Regarding Ermor's provinces being rendered completely useless:
1) Ermor has a hard time spreading its dominion since the ONLY thing that spreads their dominion is building temples (no preaching available, no blood sacrifices available), so most of the time their dominion won't bother you.
2) Ermor lives and dies by gem supplies, they can't recruit [censored] so they have to rely on a very high gem supply, that means that a smart Ermor player will make efforts to discover all possible magical sites (which is very easy with all their randoms), which will give you plenty of magical gems of all types on all of the previously-Ermorian provinces (unlike provinces from nations that lack certain types of paths etc.).
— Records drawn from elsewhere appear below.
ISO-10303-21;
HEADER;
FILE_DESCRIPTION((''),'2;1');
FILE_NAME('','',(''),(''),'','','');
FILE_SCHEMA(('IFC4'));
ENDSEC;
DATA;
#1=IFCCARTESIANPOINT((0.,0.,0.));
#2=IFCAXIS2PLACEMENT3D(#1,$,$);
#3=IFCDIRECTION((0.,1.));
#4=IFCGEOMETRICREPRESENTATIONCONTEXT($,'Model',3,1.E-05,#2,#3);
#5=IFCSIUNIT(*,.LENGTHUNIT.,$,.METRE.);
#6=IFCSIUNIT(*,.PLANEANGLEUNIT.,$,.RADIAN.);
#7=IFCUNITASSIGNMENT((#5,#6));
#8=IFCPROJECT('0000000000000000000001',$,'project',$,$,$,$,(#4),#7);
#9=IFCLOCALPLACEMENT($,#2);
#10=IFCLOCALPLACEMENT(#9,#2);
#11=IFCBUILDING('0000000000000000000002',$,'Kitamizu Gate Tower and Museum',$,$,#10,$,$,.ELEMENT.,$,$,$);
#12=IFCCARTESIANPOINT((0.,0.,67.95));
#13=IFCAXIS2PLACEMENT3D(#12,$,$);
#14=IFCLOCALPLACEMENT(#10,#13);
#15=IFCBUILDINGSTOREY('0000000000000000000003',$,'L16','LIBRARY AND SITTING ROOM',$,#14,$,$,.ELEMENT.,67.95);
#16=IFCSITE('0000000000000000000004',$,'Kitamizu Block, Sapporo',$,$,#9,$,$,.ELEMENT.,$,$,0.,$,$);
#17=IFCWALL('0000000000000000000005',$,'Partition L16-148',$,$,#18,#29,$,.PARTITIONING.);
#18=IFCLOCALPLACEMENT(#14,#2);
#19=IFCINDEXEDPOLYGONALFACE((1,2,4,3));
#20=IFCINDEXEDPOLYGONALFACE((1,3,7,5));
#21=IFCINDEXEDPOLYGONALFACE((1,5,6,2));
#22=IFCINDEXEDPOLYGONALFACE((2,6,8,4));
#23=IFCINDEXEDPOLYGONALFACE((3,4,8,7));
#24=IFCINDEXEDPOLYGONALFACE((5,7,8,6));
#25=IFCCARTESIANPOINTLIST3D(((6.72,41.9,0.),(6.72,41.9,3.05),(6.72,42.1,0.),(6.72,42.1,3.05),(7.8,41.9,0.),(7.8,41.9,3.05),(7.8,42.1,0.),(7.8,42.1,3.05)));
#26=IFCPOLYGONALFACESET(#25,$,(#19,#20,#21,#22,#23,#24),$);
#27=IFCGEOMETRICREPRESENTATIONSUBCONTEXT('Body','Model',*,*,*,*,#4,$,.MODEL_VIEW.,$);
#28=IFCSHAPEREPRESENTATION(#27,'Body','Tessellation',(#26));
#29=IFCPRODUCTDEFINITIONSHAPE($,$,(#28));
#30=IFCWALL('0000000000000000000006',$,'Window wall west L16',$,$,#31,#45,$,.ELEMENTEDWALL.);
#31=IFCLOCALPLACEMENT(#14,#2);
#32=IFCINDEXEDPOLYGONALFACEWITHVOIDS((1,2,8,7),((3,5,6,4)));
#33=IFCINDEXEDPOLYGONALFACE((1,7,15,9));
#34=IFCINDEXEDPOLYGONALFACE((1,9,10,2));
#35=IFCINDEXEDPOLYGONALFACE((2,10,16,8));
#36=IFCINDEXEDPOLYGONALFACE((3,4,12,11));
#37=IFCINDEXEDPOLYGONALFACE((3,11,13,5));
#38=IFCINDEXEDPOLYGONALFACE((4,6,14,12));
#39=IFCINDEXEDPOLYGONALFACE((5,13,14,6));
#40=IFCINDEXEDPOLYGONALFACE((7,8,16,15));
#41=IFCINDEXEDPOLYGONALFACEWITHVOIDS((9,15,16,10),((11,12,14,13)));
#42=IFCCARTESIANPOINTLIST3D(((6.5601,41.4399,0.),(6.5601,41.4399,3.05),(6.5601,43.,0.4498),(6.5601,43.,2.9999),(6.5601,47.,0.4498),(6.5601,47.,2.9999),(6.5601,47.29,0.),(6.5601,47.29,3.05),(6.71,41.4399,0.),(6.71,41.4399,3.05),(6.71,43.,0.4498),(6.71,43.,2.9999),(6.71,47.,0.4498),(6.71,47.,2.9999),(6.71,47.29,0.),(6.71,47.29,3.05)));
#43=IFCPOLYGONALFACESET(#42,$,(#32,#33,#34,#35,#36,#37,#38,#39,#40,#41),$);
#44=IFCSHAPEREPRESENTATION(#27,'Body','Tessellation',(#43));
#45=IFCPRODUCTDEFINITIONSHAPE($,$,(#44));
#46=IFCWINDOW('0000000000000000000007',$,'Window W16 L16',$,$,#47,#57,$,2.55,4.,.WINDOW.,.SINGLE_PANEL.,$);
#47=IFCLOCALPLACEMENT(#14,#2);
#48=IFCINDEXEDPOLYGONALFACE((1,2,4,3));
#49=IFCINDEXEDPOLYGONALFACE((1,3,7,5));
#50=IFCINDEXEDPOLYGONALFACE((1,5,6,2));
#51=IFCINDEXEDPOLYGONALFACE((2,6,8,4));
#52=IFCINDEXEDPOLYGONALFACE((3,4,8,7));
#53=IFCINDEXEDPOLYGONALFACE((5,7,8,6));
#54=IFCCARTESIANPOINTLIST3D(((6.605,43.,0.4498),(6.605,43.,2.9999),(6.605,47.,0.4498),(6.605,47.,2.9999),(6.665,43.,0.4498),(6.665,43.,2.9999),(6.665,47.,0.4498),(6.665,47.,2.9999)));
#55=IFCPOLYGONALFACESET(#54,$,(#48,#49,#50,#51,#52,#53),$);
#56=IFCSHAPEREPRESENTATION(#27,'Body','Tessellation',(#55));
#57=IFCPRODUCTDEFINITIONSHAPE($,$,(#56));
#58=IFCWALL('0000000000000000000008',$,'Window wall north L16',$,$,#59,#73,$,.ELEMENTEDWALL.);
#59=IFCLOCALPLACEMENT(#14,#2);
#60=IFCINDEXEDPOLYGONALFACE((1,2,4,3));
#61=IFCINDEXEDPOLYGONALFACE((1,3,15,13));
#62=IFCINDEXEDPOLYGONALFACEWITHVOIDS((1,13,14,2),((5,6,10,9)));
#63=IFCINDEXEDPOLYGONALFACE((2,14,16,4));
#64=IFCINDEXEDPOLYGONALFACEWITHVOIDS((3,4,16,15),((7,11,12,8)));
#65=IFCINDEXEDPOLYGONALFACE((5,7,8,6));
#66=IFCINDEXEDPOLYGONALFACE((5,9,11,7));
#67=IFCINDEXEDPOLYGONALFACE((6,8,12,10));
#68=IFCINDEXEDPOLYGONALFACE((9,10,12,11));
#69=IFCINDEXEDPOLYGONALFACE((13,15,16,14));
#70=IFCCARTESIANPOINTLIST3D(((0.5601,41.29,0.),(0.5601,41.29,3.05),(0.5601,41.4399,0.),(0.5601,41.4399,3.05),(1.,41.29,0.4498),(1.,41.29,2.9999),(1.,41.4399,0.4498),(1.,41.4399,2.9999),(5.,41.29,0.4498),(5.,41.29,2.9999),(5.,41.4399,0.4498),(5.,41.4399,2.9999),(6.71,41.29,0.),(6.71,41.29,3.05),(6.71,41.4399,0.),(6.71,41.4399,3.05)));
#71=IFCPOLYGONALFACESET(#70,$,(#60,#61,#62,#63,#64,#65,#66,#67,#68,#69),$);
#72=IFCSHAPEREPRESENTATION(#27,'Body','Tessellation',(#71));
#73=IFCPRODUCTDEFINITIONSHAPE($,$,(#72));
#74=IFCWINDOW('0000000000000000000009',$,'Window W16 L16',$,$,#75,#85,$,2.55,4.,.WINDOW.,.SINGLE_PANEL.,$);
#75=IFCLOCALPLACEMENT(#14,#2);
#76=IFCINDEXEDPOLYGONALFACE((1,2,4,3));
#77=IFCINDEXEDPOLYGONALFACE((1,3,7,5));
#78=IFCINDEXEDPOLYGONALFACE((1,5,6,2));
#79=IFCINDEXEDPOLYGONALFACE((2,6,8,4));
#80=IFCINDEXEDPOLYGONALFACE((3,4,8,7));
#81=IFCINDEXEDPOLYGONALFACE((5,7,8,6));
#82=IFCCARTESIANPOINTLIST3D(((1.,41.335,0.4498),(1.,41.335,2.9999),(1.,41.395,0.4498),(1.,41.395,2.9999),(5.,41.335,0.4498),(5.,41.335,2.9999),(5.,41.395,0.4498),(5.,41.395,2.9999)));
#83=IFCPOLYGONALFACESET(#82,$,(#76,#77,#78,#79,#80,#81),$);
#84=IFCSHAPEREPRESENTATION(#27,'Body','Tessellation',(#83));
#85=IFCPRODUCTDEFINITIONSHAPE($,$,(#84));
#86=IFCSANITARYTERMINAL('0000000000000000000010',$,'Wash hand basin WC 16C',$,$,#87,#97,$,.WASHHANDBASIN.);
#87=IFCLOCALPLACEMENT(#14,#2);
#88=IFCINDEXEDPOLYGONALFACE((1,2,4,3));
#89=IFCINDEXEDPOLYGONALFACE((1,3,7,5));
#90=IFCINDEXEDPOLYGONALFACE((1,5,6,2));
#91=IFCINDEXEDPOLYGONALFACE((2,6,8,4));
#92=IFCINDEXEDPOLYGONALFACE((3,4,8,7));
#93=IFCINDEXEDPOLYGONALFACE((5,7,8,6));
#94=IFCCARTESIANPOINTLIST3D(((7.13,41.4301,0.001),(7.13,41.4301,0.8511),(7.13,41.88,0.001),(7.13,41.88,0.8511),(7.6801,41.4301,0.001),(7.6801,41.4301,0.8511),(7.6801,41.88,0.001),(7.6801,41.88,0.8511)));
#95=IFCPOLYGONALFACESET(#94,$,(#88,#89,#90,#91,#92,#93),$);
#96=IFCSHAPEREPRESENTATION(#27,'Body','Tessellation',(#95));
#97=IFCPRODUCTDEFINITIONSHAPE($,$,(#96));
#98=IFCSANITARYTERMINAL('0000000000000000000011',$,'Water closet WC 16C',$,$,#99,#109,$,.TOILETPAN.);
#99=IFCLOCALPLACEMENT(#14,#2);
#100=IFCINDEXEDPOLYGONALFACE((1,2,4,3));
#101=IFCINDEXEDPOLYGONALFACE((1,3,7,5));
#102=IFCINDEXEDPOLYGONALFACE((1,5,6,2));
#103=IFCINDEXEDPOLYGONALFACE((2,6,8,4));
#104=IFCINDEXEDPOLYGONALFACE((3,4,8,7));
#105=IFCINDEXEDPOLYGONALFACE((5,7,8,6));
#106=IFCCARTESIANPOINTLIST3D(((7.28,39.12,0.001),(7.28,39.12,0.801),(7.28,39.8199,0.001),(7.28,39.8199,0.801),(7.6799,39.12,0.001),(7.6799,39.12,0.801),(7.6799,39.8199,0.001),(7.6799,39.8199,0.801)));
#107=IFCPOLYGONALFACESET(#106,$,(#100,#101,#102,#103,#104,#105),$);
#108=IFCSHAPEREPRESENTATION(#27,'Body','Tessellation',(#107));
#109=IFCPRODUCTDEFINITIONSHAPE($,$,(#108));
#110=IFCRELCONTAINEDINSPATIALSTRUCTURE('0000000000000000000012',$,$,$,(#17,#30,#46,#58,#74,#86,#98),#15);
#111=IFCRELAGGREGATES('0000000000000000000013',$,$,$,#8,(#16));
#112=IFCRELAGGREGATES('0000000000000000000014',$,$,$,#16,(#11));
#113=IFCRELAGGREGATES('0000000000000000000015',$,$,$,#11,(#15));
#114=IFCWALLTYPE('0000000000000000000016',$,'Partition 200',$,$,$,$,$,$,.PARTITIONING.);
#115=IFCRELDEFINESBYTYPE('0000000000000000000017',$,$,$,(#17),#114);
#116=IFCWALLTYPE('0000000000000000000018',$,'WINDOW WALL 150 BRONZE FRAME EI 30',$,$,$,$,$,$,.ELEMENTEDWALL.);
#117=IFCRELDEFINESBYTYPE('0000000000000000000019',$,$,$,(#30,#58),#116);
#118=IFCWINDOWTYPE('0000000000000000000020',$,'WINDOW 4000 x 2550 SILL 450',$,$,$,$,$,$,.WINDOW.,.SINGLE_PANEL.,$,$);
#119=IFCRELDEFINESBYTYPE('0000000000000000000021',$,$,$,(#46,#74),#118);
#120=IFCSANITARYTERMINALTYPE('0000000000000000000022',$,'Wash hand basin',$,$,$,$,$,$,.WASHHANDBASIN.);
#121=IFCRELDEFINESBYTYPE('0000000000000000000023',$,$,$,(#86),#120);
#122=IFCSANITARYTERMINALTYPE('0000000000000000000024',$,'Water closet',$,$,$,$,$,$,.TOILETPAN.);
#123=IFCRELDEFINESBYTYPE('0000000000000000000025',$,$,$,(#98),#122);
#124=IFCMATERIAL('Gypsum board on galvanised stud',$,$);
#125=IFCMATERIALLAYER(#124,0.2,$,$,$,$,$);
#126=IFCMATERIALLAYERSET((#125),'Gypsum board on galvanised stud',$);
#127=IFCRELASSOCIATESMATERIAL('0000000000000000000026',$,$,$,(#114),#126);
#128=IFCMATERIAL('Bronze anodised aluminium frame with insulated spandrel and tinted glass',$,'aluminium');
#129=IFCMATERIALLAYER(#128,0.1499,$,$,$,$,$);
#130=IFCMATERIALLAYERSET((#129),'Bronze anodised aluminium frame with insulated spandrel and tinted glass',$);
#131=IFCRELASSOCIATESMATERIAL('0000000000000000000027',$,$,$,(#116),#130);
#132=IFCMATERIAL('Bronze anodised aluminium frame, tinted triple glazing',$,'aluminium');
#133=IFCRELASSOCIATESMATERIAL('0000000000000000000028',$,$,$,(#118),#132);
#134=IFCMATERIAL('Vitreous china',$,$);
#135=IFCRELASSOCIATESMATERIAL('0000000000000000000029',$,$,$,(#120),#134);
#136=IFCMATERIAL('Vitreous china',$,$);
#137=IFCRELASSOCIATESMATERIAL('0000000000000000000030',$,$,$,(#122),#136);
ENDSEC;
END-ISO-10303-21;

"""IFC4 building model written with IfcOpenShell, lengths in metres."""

from ifc_helpers import new_model, si_unit, direction, frame, frame_2d, origin, origin_2d, place, context, subcontext, project, spatial, rectangle, extrude, material, layer, layer_set, type_object, element, fill, save


model = new_model("IFC4")

# Units and contexts
model_context = context("Model", 3, precision=1e-05, world=origin(), true_north=direction((0.0, 1.0)))
body_context = subcontext(model_context, "Body", "Model", "MODEL_VIEW")
ifc_project = project(units=[si_unit("LENGTHUNIT", "METRE"), si_unit("PLANEANGLEUNIT", "RADIAN")], contexts=[model_context])

# Site, building, storey
site_placement = place(None, origin())
site = spatial("IfcSite", under=ifc_project, at=site_placement, Name="Kitamizu Block, Sapporo", CompositionType="ELEMENT", RefElevation=0.0)
building_placement = place(site_placement, origin())
building = spatial("IfcBuilding", under=site, at=building_placement, Name="Kitamizu Gate Tower and Museum", CompositionType="ELEMENT")
storey_placement = place(building_placement, frame((0.0, 0.0, 67.95)))
storey = spatial("IfcBuildingStorey", under=building, at=storey_placement, Name="L16", Description="LIBRARY AND SITTING ROOM", CompositionType="ELEMENT", Elevation=67.95)

# Wall
ifc_material_1 = material(Name="Gypsum board on galvanised stud")
ifc_layer_1 = layer(ifc_material_1, 0.2)
ifc_layer_set_1 = layer_set([ifc_layer_1], Name="Gypsum board on galvanised stud")
wall_type_1 = type_object("IfcWallType", Name="Partition 200", PredefinedType="PARTITIONING", material=ifc_layer_set_1)
wall_1_placement = place(storey_placement, frame((7.8, 42.0, 0.0), z_axis=(0.0, 0.0, 1.0), x_axis=(-1.0, 0.0, 0.0)))
element("IfcWall", 1, at=wall_1_placement, inside=storey, type_object=wall_type_1, Name="Partition L16-148", PredefinedType="PARTITIONING", context=body_context, shape_type="SweptSolid", body=[
    extrude(rectangle(XDim=1.0801, YDim=0.2, at=frame_2d((0.54, 0.0))), origin(), (0.0, 0.0, 1.0), 3.05),
])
Obviously, I could just be stupid and misleading, but then again, I don't think I am...
Oelfwine
November 3rd, 2004, 04:34 PM
I believe #1 (above) is wrong Agrajag. Ermor AE at least has Bishops and such which they can summon which can preach. Am I mistaken?
Endoperez
November 3rd, 2004, 06:02 PM
Ermor's unholy priests can't preach. I don't think even the normal (40 gp indep.) priests Ermor might recruit cannot preach (they become Unholy-1 for Ermor, BTW).
Nagot Gick Fel
November 3rd, 2004, 06:16 PM
Endoperez said:
Ermor's unholy priests can't preach.
I believe unholy priests can't preach, whatever the nation they belong to.
Graeme Dice
November 3rd, 2004, 06:22 PM
Nagot Gick Fel said:
I believe unholy priests can't preach, whatever the nation they belong to.
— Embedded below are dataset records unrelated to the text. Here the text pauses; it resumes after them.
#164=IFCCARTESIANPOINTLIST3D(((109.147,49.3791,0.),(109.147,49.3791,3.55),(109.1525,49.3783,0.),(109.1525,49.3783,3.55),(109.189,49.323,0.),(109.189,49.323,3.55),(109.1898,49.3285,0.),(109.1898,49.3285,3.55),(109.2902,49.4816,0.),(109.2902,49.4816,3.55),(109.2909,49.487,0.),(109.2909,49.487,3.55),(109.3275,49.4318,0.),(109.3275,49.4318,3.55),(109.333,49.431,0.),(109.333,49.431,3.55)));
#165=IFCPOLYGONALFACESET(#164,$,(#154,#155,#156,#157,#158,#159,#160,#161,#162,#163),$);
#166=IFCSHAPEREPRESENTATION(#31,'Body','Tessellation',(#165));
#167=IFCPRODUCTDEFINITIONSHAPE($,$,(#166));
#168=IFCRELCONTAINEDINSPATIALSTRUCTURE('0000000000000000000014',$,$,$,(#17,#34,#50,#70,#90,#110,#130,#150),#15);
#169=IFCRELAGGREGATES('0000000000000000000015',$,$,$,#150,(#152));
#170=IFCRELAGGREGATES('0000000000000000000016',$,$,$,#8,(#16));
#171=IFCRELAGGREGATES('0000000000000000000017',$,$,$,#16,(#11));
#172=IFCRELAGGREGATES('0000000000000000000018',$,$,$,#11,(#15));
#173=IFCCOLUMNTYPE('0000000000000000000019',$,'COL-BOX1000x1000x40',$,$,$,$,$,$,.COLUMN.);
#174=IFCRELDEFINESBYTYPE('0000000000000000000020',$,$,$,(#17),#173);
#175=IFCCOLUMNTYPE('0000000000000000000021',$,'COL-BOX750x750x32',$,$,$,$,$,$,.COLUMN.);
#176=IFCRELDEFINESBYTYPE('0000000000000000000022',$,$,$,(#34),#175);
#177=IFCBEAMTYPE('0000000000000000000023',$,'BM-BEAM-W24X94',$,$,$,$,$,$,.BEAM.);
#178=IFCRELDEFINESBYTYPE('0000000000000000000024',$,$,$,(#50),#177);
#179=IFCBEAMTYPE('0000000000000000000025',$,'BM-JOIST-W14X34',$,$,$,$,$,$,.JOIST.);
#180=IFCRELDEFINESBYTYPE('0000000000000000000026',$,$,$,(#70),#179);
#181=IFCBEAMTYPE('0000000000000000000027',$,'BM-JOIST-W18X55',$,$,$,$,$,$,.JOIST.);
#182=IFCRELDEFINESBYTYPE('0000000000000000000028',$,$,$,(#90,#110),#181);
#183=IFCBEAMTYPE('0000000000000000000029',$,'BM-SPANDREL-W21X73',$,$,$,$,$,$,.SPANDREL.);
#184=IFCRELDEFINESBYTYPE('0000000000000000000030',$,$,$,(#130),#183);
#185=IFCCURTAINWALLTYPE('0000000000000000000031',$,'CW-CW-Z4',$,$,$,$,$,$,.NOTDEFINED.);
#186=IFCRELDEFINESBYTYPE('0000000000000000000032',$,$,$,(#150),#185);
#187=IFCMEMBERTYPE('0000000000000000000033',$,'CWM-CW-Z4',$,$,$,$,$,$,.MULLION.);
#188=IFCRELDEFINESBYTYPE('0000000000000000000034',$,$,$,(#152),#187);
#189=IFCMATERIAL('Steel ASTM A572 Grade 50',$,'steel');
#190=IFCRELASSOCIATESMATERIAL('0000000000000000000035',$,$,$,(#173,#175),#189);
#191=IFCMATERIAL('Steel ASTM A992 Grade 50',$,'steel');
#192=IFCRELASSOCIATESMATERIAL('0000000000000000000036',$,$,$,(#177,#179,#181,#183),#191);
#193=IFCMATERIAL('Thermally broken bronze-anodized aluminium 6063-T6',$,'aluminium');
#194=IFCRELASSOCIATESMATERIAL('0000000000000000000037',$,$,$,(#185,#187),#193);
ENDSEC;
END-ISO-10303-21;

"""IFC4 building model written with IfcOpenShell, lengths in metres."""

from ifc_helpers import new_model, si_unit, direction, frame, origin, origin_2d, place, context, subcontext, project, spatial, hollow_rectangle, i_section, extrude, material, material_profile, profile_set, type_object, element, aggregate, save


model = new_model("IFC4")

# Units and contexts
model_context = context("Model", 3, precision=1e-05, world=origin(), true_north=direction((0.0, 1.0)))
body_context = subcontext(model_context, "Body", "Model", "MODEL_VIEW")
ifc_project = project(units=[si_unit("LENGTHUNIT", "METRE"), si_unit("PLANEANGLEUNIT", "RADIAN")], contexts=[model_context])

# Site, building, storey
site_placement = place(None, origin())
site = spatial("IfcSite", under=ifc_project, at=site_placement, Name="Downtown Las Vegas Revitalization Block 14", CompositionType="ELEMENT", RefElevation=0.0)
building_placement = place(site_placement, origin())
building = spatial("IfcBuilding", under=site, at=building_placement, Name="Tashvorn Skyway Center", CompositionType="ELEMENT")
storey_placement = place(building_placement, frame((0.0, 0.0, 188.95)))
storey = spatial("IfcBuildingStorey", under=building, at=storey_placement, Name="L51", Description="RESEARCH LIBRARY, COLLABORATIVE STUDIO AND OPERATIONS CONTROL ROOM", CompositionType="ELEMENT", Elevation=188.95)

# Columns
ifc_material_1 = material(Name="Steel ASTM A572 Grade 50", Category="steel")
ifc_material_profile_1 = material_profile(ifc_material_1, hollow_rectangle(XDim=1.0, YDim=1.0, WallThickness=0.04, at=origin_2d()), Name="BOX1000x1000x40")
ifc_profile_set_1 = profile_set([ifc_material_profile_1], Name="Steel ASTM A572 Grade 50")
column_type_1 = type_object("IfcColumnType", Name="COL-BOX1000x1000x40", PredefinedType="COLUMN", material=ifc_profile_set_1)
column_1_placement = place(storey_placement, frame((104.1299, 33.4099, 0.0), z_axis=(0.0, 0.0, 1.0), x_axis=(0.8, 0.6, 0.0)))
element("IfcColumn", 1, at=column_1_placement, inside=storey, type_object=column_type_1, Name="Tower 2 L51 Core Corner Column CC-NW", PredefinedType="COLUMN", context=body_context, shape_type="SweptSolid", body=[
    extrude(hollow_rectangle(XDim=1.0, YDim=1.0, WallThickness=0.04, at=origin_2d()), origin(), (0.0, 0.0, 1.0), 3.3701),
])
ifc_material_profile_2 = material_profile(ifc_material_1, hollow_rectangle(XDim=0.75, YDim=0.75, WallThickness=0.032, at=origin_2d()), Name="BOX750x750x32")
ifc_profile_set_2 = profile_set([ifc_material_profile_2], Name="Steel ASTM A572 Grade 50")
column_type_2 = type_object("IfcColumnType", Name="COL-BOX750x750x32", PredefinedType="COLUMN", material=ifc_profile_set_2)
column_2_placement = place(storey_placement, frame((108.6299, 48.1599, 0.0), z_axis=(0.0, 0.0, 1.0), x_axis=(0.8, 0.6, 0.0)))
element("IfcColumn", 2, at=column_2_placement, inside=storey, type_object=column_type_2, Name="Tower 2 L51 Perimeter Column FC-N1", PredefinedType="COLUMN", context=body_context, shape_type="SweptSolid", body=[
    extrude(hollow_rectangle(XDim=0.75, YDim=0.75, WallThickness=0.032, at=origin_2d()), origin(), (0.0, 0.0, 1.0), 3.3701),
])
Undead unholy priests cannot preach. Living unholy priests can.
Nagot Gick Fel
November 3rd, 2004, 06:57 PM
Graeme Dice said:
Nagot Gick Fel said:
I believe unholy priests can't preach, whatever the nation they belong to.
Undead unholy priests cannot preach. Living unholy priests can.
Or it's just 'undead can't preach', and (un)holiness has nothing to do with it. I remember my Souless (holy) priests couldn't preach anymore when I tried a death-9 blessing (Life after Death effect).
Agrajag
November 4th, 2004, 08:52 AM
Nagot Gick Fel said:
Endoperez said:
Ermor's unholy priests can't preach.
I believe unholy priests can't preach, whatever the nation they belong to.
That wasn't the point...
The point was that Ermor's priests cannot preach, not that unlike other nation, Ermor's unholy priests can't preach.
Graeme Dice
November 4th, 2004, 12:50 PM
Agrajag said:
The point was that Ermor's priests cannot preach, not that unlike other nation, Ermor's unholy priests can't preach.
Ermor's living unholy priests can preach however.
Agrajag
November 4th, 2004, 04:38 PM
Graeme Dice said:
Agrajag said:
The point was that Ermor's priests cannot preach, not that unlike other nation, Ermor's unholy priests can't preach.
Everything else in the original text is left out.